Tuesday, October 20, 2015

"EHR State Of Mind"

ZDoggMD WHO????  From Dr. ZDogg's website:
ZDoggMD is a physician, off-white rapper, and the founder of Turntable Health. He’s not a businessman. He’s a business, man. OK we stole that line from Jay-Z but you get the idea. A hospitalist at Stanford for almost 10 years, Dr. Z currently resides in Las Vegas—a city he finds simply adorable.

Dr. Dogg, actually, Dr. Zubin Damania, in his copious spare time, creates poignant, biting rap videos that cut right to the heart of what's wrong with medicine today. His latest offering, "EHR State Of Mind," targets, you guessed it, EHR's, and by proxy, electronic medicine in general.

Without further ado:



Watch the whole thing. Then watch it again.

Yes, it's funny, but it's sad, and it is spot on. Here's the bottom line: Most medical software programs, EHR's, PACS, etc., are VERY poorly written. They are hard to use, they get in the way of patient care, they don't communicate well if at all to other systems, they were designed to appeal to CIO's and IT types, and ignore most anything to do with how physicians and such actually use them. Or try to use them.

I'm just waiting for the first class action suit against one or more of the companies who have shoveled these steaming piles of poor coding and even worse interfaces upon us. All it will take is the deaths of a few patients that can be directly attributable to these embarrassing excuses for software. Mark my word, it will happen. Of course, these multi-billion dollar companies will pay off the plaintiffs and keep doing what they are doing. That worked for Ford and the Pinto cases; Ford committed corporate murder rather than pay $100/Pinto to fix a fatal flaw. So it will be here. And most tragic of all, CIO's and IT folk will continue to buy from the vendors who promise the best prices, the least work for the support people, the biggest installed base, and just generally anything and everything EXCEPT being usable for the end-users. That would be us.

There are very few rogues out there such as myself and ZDogg who are alerting the public to the fact that the electronic emperor has no clothes. Clearly, we are not getting anywhere, and that is because we physicians have completely lost control of this situation.
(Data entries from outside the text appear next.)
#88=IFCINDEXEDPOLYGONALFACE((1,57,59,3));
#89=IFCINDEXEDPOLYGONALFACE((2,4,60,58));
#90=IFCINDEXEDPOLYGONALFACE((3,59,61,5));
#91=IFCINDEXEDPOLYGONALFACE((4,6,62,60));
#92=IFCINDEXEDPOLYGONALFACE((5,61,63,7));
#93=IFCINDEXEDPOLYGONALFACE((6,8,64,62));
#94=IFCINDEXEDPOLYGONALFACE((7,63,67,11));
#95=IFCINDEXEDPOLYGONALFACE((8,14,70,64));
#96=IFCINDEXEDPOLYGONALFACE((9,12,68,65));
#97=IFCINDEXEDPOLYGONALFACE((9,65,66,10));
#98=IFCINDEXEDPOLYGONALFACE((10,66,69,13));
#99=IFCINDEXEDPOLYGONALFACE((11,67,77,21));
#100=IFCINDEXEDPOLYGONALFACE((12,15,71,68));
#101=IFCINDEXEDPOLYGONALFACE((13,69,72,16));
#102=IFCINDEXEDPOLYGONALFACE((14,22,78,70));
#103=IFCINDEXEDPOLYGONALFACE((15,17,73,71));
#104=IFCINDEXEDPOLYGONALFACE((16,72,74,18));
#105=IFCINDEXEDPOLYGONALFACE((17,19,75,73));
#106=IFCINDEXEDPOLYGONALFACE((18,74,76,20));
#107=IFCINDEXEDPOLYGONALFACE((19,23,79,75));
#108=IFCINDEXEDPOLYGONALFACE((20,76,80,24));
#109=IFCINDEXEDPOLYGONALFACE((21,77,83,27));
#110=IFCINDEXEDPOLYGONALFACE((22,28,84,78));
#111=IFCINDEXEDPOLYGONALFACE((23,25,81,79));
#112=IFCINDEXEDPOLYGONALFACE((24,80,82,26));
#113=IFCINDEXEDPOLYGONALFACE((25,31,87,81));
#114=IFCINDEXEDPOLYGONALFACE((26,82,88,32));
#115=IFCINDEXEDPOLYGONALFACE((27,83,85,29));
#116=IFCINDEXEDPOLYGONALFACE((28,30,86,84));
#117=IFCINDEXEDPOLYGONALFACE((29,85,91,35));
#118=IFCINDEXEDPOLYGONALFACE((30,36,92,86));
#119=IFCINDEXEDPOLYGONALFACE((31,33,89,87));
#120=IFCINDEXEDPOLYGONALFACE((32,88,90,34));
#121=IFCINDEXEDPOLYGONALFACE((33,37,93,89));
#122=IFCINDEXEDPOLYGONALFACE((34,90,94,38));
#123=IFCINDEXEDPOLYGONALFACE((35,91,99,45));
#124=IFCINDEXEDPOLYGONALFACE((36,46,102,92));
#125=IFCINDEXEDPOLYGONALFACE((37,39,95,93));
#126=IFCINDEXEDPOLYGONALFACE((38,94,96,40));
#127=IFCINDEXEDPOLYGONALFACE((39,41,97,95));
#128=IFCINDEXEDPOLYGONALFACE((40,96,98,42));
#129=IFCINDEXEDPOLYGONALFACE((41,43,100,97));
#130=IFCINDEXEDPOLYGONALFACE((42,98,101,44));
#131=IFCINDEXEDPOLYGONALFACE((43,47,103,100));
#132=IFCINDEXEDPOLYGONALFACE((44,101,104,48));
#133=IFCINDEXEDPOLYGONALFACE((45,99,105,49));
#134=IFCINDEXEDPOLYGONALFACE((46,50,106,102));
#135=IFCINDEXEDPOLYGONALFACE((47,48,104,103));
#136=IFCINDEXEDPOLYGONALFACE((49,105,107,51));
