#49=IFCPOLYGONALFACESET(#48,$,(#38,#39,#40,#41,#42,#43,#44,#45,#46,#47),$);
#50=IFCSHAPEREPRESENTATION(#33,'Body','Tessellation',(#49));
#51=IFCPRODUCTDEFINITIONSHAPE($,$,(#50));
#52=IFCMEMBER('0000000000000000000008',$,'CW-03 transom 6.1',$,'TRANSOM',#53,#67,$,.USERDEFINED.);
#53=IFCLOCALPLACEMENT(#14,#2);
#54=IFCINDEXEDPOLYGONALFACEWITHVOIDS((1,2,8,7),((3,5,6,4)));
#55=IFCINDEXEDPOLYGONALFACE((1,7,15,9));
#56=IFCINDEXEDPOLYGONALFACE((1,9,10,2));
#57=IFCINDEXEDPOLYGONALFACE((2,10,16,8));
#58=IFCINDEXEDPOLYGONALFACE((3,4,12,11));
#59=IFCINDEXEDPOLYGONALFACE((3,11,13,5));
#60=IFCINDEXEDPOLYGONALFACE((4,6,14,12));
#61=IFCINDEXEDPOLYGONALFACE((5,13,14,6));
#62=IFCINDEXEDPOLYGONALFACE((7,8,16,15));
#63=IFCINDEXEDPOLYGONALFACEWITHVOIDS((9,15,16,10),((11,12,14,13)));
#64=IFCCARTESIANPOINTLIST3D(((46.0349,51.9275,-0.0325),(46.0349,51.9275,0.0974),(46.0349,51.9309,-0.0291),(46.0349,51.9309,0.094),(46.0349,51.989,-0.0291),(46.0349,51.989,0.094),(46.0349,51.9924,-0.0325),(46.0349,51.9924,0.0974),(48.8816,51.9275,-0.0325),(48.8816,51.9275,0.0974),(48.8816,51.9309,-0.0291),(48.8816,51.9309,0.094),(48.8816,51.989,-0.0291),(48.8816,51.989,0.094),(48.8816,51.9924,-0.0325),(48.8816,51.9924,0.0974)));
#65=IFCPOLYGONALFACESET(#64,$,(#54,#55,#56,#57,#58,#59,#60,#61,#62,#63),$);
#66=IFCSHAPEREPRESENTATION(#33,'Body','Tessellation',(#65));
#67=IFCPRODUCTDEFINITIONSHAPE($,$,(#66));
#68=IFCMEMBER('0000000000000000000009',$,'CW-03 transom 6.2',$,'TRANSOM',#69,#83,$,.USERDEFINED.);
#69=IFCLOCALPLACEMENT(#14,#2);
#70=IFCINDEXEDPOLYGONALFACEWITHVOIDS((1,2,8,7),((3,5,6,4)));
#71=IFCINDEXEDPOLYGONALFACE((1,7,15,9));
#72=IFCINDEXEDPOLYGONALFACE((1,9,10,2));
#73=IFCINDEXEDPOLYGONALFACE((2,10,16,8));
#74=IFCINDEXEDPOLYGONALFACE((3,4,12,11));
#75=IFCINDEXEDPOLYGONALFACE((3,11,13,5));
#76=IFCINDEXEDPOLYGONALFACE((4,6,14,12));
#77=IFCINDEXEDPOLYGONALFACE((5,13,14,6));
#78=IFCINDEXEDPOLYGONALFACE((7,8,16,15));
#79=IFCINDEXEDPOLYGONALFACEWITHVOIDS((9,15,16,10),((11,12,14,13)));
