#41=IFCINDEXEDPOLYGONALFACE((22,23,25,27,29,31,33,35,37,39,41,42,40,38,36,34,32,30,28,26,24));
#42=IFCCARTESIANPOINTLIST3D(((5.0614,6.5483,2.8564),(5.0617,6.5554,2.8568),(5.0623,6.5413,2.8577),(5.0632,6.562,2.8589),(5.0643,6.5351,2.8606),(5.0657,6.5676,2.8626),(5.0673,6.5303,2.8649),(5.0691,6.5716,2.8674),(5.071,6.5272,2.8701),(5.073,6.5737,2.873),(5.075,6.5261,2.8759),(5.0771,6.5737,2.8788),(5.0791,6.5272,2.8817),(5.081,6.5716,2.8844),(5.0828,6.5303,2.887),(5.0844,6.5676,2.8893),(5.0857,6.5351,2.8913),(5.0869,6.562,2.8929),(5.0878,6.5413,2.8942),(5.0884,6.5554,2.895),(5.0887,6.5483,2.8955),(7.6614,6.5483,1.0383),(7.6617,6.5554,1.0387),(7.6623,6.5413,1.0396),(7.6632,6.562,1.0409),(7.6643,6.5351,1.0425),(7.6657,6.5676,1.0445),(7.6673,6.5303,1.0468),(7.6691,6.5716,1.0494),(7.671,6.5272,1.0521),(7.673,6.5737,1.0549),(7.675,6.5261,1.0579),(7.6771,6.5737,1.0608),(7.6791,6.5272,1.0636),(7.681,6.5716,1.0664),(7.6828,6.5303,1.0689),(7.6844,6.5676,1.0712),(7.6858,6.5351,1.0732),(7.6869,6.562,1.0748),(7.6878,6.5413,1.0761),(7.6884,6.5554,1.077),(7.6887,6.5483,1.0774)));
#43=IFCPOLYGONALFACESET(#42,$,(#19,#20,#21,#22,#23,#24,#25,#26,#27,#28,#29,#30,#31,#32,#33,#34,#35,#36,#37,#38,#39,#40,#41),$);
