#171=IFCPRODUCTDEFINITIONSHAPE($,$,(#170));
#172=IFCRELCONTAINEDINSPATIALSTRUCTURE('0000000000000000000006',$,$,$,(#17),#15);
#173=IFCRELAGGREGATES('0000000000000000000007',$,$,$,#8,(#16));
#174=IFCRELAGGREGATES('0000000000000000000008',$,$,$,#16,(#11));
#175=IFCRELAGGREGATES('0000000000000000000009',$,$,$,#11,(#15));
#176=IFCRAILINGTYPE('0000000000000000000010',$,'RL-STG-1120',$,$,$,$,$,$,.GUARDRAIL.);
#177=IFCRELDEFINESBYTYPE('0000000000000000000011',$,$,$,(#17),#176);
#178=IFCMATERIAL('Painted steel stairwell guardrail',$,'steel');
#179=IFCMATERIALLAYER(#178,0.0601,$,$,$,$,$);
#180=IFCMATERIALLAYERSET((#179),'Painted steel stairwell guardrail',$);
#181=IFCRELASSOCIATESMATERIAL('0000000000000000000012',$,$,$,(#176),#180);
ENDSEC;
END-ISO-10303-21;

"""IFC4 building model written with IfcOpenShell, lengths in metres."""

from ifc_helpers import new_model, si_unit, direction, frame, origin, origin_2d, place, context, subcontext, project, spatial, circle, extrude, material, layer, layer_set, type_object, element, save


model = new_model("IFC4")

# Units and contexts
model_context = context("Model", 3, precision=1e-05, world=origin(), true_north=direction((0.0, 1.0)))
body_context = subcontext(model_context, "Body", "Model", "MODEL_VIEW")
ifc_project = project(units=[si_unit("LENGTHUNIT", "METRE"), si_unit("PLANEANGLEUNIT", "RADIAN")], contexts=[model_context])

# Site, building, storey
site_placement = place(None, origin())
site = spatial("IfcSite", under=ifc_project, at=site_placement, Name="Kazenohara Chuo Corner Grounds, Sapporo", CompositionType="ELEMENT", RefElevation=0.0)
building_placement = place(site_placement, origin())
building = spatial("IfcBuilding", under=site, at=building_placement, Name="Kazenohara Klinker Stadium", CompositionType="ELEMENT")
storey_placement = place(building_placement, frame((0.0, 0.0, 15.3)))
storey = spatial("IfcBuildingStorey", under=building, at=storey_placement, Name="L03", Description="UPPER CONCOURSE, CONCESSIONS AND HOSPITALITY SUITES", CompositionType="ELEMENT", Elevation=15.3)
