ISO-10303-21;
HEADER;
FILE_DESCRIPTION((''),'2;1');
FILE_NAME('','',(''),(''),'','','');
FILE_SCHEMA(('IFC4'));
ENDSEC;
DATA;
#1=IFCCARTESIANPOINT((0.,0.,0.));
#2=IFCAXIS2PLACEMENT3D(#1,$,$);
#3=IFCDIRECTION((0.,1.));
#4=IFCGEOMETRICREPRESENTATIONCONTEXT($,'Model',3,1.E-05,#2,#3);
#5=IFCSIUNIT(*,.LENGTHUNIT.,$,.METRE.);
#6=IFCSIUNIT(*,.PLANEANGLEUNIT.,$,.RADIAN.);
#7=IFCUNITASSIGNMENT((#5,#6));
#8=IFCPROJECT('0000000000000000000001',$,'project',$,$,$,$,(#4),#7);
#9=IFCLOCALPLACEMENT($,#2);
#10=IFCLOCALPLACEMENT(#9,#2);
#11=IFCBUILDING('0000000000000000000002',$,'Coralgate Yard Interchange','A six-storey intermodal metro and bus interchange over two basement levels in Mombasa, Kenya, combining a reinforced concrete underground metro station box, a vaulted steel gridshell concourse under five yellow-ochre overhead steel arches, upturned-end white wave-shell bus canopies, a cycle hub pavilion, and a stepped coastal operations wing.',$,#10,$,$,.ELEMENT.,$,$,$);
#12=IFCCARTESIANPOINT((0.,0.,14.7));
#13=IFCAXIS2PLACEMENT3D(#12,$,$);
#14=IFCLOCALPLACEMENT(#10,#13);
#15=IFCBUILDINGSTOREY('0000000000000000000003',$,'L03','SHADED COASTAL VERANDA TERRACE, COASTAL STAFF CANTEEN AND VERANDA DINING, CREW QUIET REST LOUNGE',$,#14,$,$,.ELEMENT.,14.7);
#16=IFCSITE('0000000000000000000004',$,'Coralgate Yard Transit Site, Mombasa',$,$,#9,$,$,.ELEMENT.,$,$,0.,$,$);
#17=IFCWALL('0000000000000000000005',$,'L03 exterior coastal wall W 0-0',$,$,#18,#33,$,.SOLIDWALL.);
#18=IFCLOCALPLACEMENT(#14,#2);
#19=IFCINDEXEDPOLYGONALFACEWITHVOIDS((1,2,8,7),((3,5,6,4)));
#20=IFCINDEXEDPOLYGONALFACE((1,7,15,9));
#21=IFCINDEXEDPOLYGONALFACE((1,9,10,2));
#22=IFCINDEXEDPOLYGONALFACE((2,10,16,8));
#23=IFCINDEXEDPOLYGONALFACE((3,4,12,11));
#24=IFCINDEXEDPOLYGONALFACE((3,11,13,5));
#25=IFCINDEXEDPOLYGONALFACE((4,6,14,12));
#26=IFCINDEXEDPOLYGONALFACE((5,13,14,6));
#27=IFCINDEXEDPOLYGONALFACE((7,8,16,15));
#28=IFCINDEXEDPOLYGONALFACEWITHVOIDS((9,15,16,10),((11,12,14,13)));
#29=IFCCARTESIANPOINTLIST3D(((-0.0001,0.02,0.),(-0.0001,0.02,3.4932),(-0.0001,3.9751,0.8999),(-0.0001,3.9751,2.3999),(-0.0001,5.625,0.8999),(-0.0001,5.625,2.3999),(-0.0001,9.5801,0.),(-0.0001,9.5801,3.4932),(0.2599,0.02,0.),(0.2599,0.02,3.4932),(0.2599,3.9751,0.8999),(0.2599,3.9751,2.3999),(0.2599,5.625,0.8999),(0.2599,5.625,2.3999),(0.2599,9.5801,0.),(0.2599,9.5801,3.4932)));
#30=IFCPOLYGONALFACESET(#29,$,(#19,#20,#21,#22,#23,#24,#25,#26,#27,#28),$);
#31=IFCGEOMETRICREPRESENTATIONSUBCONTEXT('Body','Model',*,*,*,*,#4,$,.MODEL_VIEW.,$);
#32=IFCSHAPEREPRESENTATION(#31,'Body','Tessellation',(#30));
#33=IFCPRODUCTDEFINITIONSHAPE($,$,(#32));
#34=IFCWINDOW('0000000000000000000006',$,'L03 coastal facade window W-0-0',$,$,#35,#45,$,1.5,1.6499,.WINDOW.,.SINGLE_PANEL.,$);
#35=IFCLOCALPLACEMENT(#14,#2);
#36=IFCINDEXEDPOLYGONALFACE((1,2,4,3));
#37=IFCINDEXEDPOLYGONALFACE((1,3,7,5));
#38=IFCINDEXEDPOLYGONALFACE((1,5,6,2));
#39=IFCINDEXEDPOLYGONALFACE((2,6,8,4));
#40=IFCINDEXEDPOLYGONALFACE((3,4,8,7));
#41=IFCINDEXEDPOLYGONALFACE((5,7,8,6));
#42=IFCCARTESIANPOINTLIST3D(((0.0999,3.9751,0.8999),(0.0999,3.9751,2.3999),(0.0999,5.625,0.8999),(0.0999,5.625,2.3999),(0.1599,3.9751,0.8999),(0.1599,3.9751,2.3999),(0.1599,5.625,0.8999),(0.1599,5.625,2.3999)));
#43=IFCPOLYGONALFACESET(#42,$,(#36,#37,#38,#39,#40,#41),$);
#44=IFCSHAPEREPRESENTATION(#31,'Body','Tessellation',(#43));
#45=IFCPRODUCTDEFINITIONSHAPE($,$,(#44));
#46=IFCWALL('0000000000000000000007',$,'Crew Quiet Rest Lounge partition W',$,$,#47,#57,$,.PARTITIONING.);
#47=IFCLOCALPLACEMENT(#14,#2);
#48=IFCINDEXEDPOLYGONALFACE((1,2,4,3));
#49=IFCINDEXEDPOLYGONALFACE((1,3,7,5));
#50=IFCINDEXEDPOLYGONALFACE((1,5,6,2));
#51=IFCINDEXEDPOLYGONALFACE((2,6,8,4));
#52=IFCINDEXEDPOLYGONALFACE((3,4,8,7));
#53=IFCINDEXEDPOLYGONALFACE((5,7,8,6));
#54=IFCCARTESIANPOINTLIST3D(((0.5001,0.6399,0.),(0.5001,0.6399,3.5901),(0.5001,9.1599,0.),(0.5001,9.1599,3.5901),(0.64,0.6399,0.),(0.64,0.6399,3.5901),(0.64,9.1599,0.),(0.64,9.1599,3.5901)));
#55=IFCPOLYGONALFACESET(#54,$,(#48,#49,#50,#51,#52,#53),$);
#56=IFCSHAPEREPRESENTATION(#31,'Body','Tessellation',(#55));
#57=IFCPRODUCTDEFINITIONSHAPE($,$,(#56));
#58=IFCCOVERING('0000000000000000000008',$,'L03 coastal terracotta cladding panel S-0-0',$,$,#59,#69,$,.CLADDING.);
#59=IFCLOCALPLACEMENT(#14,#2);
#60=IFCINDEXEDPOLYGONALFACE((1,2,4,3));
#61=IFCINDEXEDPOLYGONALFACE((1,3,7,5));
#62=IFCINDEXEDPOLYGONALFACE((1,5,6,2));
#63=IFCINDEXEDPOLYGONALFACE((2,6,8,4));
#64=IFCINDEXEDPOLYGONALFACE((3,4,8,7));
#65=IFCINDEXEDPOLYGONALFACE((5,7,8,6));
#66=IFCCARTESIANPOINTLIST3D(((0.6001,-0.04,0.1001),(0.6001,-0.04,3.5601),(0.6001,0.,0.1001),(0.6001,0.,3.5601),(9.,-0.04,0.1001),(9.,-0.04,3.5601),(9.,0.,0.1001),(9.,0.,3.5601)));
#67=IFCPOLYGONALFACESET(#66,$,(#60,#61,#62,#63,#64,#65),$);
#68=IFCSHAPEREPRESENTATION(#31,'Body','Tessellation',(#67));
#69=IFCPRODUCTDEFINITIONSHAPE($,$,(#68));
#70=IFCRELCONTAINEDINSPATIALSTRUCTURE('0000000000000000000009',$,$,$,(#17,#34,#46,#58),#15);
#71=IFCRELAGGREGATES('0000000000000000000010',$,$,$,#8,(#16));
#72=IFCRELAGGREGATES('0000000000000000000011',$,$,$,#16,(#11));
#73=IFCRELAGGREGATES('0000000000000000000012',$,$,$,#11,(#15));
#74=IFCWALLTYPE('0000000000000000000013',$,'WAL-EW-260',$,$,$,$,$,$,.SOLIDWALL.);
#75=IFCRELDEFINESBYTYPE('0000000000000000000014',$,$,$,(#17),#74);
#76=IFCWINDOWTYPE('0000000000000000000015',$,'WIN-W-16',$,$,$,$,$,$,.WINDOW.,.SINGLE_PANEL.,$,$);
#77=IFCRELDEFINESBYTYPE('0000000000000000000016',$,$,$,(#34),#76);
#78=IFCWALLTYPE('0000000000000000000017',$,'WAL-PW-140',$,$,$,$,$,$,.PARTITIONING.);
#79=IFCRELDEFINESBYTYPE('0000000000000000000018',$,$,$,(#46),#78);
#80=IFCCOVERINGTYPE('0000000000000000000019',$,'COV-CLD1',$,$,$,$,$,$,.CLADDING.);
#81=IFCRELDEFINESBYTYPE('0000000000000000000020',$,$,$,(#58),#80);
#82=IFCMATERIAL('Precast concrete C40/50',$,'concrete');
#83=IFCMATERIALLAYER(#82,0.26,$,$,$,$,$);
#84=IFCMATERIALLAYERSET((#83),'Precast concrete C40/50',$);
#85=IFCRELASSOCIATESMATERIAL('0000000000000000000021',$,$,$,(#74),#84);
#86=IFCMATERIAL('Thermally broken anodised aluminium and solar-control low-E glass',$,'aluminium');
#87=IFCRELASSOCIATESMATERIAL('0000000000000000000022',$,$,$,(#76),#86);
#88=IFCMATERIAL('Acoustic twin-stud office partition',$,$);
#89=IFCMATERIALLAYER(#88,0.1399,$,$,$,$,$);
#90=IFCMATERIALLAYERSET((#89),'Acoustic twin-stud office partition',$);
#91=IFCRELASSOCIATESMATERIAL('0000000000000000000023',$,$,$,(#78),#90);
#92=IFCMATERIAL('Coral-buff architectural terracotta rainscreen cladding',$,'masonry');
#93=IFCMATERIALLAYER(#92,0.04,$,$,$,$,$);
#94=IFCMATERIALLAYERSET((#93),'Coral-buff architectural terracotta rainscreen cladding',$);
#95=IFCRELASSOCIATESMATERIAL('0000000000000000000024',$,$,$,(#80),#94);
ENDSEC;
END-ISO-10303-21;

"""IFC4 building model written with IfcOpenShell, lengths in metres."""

from ifc_helpers import new_model, si_unit, direction, frame, frame_2d, origin, origin_2d, place, context, subcontext, project, spatial, rectangle, extrude, material, layer, layer_set, type_object, element, fill, save


model = new_model("IFC4")

# Units and contexts
model_context = context("Model", 3, precision=1e-05, world=origin(), true_north=direction((0.0, 1.0)))
body_context = subcontext(model_context, "Body", "Model", "MODEL_VIEW")
ifc_project = project(units=[si_unit("LENGTHUNIT", "METRE"), si_unit("PLANEANGLEUNIT", "RADIAN")], contexts=[model_context])

# Site, building, storey
site_placement = place(None, origin())
site = spatial("IfcSite", under=ifc_project, at=site_placement, Name="Coralgate Yard Transit Site, Mombasa", CompositionType="ELEMENT", RefElevation=0.0)
building_placement = place(site_placement, origin())
building = spatial("IfcBuilding", under=site, at=building_placement, Name="Coralgate Yard Interchange", Description="A six-storey intermodal metro and bus interchange over two basement levels in Mombasa, Kenya, combining a reinforced concrete underground metro station box, a vaulted steel gridshell concourse under five yellow-ochre overhead steel arches, upturned-end white wave-shell bus canopies, a cycle hub pavilion, and a stepped coastal operations wing.", CompositionType="ELEMENT")
storey_placement = place(building_placement, frame((0.0, 0.0, 14.7)))
storey = spatial("IfcBuildingStorey", under=building, at=storey_placement, Name="L03", Description="SHADED COASTAL VERANDA TERRACE, COASTAL STAFF CANTEEN AND VERANDA DINING, CREW QUIET REST LOUNGE", CompositionType="ELEMENT", Elevation=14.7)

# Shared definitions
ifc_material_1 = material(Name="Precast concrete C40/50", Category="concrete")
ifc_layer_1 = layer(ifc_material_1, 0.26)
ifc_layer_set_1 = layer_set([ifc_layer_1], Name="Precast concrete C40/50")
wall_type_1 = type_object("IfcWallType", Name="WAL-EW-260", PredefinedType="SOLIDWALL", material=ifc_layer_set_1)

# Wall, opening, window
wall_1_placement = place(storey_placement, frame((0.1299, 0.02, 0.0), z_axis=(0.0, 0.0, 1.0), x_axis=(0.0, 1.0, 0.0)))
wall_1 = element("IfcWall", 1, at=wall_1_placement, inside=storey, type_object=wall_type_1, Name="L03 exterior coastal wall W 0-0", PredefinedType="SOLIDWALL", context=body_context, shape_type="SweptSolid", body=[
    extrude(rectangle(XDim=9.5601, YDim=0.26, at=frame_2d((4.78, 0.0))), origin(), (0.0, 0.0, 1.0), 3.4932),
])
opening_placement = place(wall_1_placement, frame((3.9551, 0.0, 0.8999)))
opening = element("IfcOpeningElement", 2, at=opening_placement, cuts=wall_1, PredefinedType="OPENING", context=body_context, shape_type="SweptSolid", body=[
    extrude(rectangle(XDim=1.6499, YDim=1.5, at=frame_2d((0.825, 0.75))), frame((0.0, 0.1399, 0.0), z_axis=(0.0, -1.0, 0.0), x_axis=(1.0, 0.0, 0.0)), (0.0, 0.0, 1.0), 0.28),
])
ifc_material_2 = material(Name="Thermally broken anodised aluminium and solar-control low-E glass", Category="aluminium")
window_type = type_object("IfcWindowType", Name="WIN-W-16", PartitioningType="SINGLE_PANEL", PredefinedType="WINDOW", material=ifc_material_2)
window_placement = place(opening_placement, origin())
window = element("IfcWindow", 3, at=window_placement, inside=storey, type_object=window_type, Name="L03 coastal facade window W-0-0", OverallHeight=1.5, OverallWidth=1.6499, PartitioningType="SINGLE_PANEL", PredefinedType="WINDOW", context=body_context, shape_type="SweptSolid", body=[
    extrude(rectangle(XDim=1.6499, YDim=1.5, at=frame_2d((0.825, 0.75))), frame((0.0, 0.03, 0.0), z_axis=(0.0, -1.0, 0.0), x_axis=(1.0, 0.0, 0.0)), (0.0, 0.0, 1.0), 0.0601),
])
fill(opening, window)

# Wall
ifc_material_3 = material(Name="Acoustic twin-stud office partition")
ifc_layer_2 = layer(ifc_material_3, 0.1399)
ifc_layer_set_2 = layer_set([ifc_layer_2], Name="Acoustic twin-stud office partition")
wall_type_2 = type_object("IfcWallType", Name="WAL-PW-140", PredefinedType="PARTITIONING", material=ifc_layer_set_2)
wall_2_placement = place(storey_placement, frame((0.5701, 0.6399, 0.0), z_axis=(0.0, 0.0, 1.0), x_axis=(0.0, 1.0, 0.0)))
element("IfcWall", 4, at=wall_2_placement, inside=storey, type_object=wall_type_2, Name="Crew Quiet Rest Lounge partition W", PredefinedType="PARTITIONING", context=body_context, shape_type="SweptSolid", body=[
    extrude(rectangle(XDim=8.52, YDim=0.1399, at=frame_2d((4.26, 0.0))), origin(), (0.0, 0.0, 1.0), 3.5901),
])

# Covering
ifc_material_4 = material(Name="Coral-buff architectural terracotta rainscreen cladding", Category="masonry")
ifc_layer_3 = layer(ifc_material_4, 0.04)
ifc_layer_set_3 = layer_set([ifc_layer_3], Name="Coral-buff architectural terracotta rainscreen cladding")
covering_type = type_object("IfcCoveringType", Name="COV-CLD1", PredefinedType="CLADDING", material=ifc_layer_set_3)
covering_placement = place(storey_placement, frame((4.8, -0.02, 0.1001), z_axis=(0.0, 0.0, 1.0), x_axis=(-1.0, 0.0, 0.0)))
element("IfcCovering", 5, at=covering_placement, inside=storey, type_object=covering_type, Name="L03 coastal terracotta cladding panel S-0-0", PredefinedType="CLADDING", context=body_context, shape_type="SweptSolid", body=[
    extrude(rectangle(XDim=8.3999, YDim=0.04, at=origin_2d()), origin(), (0.0, 0.0, 1.0), 3.46),
])

save(model, "model.ifc")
And I doubt we'll ever get it back.

4 comments :

stacey said...

As much as I always want to "hate on the vendors"... shouldn't at least a portion of the blame be based on the requirements the gov't puts out there?

Anonymous said...

Very true, but they still could create a usable interface if the demand existed among their direct customers. Hat tip to you by the way for this video!!!!

Unknown said...

So other than expressing general disgust about the current selection of EMR's, what specifically might you want to change in those things to make it more user friendly and useful?

Anonymous said...

Just a guess, but I think we can safely assume Mr. Unknown seems to have something to do with "the current selection of EMR's".

Gee...where do we start? I don't think I have the space. Bottom line is this: the interface needs to take its cues from a Mac, or at least Windows, and not DOS. ASK physicians how they do what they do, and find ways to HELP them do it easier and better and faster. That is what computers are supposed to do. A good EMR would be designed around the physician, and not force the physician to conform to the whims of a non-medical engineer.

The current piles of steaming code do nothing more than add an hour or more to the day of already overwrought physicians. They are responsible for an increasing number of docs leaving the field altogether.